Rise and Fall of a Hacker Who Found the Secrets of the Next Xbox and PlayStation - recoiledsnake
http://kotaku.com/5986239
======
bonzoesc
> "I was treated like a criminal," he complained to me, looking back at the
> raid.

Today we learn several lessons:

1) Don't break in to computers of American corporations while living in a
country that has historically been very friendly with US law enforcement.

2) Don't break in to computers and boast about it to video game bloggers while
using your real identity.

3) Pirating games and using stolen credit card numbers are both crimes, yes,
but not doing them doesn't mean that breaking into computers isn't a crime.

4) If you don't want to be treated like a criminal, maybe don't commit crimes.

------
guylhem
When I read stuff like that, I just wonder what exactly the "hacked" company
is trying to achieve, or if they have any idea themselves.

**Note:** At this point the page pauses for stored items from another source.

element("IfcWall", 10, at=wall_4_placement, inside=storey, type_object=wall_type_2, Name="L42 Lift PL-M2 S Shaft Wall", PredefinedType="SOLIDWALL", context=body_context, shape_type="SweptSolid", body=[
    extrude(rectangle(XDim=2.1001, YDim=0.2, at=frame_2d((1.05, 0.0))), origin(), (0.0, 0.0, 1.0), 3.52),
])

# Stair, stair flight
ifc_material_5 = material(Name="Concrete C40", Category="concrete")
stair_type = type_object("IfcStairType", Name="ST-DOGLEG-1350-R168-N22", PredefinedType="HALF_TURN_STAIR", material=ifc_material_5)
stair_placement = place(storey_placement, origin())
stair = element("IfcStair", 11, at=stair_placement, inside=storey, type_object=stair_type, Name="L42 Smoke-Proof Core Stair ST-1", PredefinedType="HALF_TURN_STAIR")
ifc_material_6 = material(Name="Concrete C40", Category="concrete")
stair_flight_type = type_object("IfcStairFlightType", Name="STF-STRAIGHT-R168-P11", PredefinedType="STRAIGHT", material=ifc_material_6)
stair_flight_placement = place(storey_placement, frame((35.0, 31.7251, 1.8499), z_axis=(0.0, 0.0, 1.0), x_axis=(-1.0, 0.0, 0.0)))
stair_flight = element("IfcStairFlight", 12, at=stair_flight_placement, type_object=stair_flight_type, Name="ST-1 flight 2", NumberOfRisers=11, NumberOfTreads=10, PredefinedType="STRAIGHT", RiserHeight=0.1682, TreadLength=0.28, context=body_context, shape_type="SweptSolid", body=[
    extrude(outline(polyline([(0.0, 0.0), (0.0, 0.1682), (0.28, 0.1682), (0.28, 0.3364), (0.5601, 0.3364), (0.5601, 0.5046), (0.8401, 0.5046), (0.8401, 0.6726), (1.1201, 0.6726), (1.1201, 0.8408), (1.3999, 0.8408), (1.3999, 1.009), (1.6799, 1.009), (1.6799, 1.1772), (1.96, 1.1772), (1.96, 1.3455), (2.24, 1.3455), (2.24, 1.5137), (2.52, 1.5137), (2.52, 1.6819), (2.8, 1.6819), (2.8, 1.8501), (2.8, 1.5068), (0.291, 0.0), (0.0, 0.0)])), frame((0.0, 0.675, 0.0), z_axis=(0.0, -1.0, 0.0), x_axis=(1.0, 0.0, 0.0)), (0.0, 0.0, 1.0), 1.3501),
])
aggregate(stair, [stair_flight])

On one hand, you have a person who seems to genuinely care about the security
of your company (since he gave you details), who had both the chance and the
opportunity to use the access to leak stuff that could have been quite
damaging to the company - yet didn't, and willfully meets the companies
representatives and corporate enquirer.

On the other hand, you have a company who seems to have real problem with its
security procedures, an improving but frail image as game platform (not so
many dead xbox memes at the moment), and a way to manage problems like an
elephant in a porcelain shop.

What exactly did anyone in his right mind hoped such a raid would do??? Let's
see, for the potential "benefit" effects of frightening other hackers, it
further damaged microsoft reputation and it will turn a cooperative hacker
group into a revenge-seeking foe. What did they got??? In the day and age of
cloud storage, what they took during the raid was at best zeroed harddrives
previously containing a copy of the information they wanted that could now be
anywhere - and they pissed off the guy who put that information out of they
reach.

Strategically, all I see just looks like a terrible move.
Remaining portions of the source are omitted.